The first big change was an uptick in Death's Shadow Aggro.

In my big Modern breakdowns at the end of last year, I stated that toolbox decks like Abzan Company generally were good against creature combo like Infect, but that Death's Shadow was a major exception. There wasn't a silver bullet creature you could find that crushed them the way Izzet Staticaster or Melira, Sylvok Outcast crushed Infect. The hate was cards like Engineered Explosives that didn't mesh with your main plan. The later Kiln Fiend decks posed a similar issue, but were a bit more vulnerable to the Eternal Witness / Path to Exile plan because their deck was less adept at getting out multiple creatures underneath your setup and was less adept at comboing out early.

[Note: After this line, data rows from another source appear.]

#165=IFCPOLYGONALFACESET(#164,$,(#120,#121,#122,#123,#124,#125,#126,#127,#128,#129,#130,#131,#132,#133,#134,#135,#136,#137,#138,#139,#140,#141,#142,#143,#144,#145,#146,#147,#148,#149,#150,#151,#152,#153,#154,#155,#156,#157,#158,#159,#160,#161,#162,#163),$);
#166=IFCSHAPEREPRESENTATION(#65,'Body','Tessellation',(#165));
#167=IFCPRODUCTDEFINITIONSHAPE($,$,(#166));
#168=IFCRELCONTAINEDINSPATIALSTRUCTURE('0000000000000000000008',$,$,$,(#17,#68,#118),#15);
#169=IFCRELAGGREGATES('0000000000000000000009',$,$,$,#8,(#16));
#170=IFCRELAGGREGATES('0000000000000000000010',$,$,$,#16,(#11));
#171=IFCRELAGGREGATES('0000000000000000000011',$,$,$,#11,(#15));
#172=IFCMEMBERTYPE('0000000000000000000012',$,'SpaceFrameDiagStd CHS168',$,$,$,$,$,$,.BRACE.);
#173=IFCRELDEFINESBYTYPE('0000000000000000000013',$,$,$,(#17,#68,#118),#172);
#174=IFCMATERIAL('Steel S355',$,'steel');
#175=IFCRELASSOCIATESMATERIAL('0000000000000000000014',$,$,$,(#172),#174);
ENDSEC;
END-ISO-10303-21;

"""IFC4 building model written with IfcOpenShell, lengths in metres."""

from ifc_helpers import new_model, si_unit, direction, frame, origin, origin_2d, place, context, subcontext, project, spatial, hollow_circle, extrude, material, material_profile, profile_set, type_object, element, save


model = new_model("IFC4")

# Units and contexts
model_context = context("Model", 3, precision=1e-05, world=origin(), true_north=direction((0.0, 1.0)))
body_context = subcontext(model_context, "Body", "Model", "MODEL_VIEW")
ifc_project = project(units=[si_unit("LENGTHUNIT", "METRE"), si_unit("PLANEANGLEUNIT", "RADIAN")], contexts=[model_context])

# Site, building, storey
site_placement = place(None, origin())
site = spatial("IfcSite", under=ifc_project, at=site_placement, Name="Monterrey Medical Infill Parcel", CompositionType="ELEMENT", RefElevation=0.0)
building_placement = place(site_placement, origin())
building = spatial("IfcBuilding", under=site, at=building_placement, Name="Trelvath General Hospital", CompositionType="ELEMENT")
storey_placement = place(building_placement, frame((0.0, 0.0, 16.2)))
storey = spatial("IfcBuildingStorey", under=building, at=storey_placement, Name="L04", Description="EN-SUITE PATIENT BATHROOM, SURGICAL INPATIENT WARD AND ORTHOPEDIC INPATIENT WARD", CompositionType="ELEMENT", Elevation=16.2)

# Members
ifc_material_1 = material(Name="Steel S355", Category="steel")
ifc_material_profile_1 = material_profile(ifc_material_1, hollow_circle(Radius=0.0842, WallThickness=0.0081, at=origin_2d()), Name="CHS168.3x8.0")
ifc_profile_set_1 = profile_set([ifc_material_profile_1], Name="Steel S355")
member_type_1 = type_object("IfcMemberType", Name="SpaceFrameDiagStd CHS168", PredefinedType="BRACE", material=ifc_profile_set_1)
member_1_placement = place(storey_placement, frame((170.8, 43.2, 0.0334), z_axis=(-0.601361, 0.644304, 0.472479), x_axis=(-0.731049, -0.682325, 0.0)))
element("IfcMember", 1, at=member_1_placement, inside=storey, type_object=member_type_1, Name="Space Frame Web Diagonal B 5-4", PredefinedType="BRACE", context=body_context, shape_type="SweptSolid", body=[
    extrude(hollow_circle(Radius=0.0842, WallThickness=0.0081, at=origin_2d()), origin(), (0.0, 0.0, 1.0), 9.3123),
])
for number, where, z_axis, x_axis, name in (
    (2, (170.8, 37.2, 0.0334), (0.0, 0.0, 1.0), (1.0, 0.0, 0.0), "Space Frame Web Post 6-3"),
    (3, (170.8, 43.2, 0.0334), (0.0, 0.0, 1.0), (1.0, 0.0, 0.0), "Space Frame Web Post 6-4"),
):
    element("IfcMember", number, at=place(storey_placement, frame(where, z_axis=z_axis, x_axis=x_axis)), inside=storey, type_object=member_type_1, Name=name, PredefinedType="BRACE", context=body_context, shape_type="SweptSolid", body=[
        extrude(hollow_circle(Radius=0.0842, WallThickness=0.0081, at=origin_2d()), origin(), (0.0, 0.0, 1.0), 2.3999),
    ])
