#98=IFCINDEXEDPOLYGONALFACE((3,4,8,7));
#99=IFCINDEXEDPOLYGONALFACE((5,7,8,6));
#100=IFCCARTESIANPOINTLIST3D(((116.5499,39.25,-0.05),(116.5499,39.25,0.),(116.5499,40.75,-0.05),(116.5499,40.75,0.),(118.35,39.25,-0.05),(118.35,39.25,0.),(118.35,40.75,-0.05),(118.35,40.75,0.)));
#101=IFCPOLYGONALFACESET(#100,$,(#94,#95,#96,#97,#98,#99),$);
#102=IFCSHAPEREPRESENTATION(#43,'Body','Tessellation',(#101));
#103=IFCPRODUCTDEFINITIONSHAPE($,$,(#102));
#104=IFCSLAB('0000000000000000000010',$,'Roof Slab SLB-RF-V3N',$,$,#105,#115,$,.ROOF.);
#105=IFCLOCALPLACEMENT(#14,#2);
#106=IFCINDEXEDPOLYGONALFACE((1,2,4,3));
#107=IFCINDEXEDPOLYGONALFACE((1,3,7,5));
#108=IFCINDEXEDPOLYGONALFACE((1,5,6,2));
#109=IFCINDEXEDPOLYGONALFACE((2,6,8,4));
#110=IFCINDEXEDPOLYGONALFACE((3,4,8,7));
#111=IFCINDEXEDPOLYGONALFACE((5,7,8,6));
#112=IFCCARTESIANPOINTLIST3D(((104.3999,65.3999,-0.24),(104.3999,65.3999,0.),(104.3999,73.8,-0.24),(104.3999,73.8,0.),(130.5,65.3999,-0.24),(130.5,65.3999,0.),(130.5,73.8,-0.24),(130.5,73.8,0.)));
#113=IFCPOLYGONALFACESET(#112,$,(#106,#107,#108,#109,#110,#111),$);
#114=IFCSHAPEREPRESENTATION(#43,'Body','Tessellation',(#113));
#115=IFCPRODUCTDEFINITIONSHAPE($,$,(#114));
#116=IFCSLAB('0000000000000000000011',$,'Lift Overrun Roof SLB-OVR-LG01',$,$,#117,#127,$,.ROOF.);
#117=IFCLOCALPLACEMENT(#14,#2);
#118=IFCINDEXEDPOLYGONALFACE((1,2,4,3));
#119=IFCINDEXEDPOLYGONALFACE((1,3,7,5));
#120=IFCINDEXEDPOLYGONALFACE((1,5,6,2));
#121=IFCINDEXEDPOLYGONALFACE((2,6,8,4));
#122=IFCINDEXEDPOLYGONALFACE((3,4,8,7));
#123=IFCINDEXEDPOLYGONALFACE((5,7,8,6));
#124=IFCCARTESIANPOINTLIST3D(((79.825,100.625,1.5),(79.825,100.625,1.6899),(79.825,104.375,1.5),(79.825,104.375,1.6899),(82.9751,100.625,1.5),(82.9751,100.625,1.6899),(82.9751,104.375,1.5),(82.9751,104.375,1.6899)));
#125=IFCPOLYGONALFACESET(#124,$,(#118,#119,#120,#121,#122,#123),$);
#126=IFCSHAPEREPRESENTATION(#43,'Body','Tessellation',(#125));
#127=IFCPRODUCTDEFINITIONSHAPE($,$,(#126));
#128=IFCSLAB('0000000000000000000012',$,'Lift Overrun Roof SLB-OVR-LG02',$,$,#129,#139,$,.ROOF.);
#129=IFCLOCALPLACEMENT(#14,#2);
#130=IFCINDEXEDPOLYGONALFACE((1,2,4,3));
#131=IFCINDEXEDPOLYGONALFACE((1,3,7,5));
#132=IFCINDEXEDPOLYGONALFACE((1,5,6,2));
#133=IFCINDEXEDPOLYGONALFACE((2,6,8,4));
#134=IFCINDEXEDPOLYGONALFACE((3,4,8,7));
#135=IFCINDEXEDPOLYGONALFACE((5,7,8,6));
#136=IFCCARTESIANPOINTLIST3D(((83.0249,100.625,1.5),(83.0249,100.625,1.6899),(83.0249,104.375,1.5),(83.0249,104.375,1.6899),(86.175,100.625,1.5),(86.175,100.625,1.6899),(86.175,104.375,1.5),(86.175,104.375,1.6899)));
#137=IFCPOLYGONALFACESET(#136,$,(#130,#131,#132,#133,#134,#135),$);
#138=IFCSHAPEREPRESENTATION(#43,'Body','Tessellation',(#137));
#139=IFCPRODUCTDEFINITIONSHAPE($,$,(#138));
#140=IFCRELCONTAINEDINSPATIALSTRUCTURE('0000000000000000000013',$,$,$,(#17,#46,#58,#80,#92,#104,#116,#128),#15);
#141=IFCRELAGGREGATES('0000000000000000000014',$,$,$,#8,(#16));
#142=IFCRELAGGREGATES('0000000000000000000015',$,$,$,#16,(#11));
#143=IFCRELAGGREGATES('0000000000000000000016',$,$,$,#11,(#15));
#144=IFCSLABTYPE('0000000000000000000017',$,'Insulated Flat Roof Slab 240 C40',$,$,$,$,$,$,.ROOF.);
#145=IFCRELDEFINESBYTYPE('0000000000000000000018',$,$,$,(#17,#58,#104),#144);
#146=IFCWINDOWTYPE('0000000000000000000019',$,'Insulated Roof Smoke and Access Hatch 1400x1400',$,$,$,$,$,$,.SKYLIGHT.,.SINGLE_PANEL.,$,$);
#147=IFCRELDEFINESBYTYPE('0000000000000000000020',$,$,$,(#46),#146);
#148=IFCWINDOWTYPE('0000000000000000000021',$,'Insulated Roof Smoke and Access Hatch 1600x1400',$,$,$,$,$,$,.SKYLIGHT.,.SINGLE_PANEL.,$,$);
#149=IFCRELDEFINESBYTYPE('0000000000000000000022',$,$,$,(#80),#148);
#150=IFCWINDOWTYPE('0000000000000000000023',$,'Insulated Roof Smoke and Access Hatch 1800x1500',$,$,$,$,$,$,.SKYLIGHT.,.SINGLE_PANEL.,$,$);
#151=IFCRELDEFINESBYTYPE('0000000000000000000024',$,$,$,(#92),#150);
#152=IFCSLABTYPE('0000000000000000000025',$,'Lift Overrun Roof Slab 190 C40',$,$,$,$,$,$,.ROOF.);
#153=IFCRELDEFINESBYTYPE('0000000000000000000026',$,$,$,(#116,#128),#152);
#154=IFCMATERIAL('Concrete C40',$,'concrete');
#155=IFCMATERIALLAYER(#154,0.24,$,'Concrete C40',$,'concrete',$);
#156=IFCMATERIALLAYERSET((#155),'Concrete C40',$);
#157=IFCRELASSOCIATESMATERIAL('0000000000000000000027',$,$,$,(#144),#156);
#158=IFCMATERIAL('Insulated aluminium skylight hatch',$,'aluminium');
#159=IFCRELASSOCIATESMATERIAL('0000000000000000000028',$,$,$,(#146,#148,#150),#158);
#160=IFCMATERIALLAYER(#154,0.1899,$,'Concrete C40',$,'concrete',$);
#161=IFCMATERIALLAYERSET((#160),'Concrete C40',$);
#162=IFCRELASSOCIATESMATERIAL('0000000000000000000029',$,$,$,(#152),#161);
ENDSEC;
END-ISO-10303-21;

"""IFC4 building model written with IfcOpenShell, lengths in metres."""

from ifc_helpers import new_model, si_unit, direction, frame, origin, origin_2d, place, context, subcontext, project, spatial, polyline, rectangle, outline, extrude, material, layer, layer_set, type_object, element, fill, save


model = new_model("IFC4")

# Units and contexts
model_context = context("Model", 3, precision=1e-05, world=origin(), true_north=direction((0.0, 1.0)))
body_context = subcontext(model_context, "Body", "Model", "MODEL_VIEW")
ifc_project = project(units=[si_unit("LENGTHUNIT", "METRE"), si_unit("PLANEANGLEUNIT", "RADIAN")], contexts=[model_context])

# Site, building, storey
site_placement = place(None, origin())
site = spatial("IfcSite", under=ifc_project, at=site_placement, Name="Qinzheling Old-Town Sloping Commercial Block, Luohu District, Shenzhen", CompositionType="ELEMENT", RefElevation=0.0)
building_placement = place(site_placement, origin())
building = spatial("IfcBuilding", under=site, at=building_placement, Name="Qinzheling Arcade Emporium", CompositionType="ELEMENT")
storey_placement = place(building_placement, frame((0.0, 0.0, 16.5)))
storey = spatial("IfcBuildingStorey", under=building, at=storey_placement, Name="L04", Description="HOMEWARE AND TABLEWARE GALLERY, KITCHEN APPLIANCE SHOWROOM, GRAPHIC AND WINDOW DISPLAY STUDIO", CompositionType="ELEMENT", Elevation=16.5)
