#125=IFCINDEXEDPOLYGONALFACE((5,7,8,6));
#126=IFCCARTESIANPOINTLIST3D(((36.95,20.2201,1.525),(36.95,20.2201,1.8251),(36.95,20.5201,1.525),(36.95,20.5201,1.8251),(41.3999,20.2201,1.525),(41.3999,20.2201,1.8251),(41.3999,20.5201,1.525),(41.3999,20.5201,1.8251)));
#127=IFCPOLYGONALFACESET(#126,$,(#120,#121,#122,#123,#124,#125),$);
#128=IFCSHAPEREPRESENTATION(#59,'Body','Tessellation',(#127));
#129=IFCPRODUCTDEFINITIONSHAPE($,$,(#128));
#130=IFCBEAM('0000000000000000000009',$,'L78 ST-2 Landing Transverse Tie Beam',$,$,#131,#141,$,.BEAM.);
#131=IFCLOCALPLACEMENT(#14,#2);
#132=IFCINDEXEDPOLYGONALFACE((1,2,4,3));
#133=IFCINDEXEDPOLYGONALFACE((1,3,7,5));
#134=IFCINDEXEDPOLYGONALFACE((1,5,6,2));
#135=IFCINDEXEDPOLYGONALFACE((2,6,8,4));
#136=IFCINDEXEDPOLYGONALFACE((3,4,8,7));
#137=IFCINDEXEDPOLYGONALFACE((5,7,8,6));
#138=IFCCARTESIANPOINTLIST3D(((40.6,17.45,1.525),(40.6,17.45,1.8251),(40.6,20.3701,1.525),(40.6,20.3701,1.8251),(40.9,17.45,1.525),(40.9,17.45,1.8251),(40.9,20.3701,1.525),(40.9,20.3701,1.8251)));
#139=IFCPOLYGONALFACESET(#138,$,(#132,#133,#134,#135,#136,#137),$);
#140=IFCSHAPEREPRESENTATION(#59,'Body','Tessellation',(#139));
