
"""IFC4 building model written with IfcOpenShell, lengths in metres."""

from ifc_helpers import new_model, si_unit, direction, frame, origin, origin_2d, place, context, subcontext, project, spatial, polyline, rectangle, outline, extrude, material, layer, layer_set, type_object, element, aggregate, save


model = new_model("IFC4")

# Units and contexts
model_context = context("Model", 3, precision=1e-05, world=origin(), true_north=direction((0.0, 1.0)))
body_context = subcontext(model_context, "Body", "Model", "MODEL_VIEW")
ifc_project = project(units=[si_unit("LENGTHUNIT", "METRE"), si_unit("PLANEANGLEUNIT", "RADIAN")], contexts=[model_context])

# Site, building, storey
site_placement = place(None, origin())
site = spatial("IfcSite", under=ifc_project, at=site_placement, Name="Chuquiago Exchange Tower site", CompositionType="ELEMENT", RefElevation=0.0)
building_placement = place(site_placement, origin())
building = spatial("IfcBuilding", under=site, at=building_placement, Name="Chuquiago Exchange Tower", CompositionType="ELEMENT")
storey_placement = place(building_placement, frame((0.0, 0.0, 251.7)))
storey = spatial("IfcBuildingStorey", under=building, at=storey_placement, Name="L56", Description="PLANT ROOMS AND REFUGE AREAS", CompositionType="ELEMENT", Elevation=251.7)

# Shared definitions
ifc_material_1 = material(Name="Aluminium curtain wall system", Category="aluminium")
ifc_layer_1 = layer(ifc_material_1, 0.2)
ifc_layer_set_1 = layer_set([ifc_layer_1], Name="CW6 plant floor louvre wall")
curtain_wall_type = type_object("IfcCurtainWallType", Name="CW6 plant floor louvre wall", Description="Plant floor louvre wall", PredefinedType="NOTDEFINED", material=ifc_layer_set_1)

The second big issue was Dredge. While Anafenza, the Foremost and Scavenging Ooze are cards, neither works on the scale of hate you needed to stop Dredge's best draws. Yixlid Jailer did, but with Cathartic Reunion, it was very possible to be facing down ten or more power before you could even cast it, let alone Chord of Calling for it. The fast toolbox decks were favored in a straight-up race against Dredge, but Dredge also had built in disruption in Conflagrate and Darkblast that made that plan unreliable. I don't know if the matchup was actively bad, but it certainly wasn't a reason to play a toolbox deck.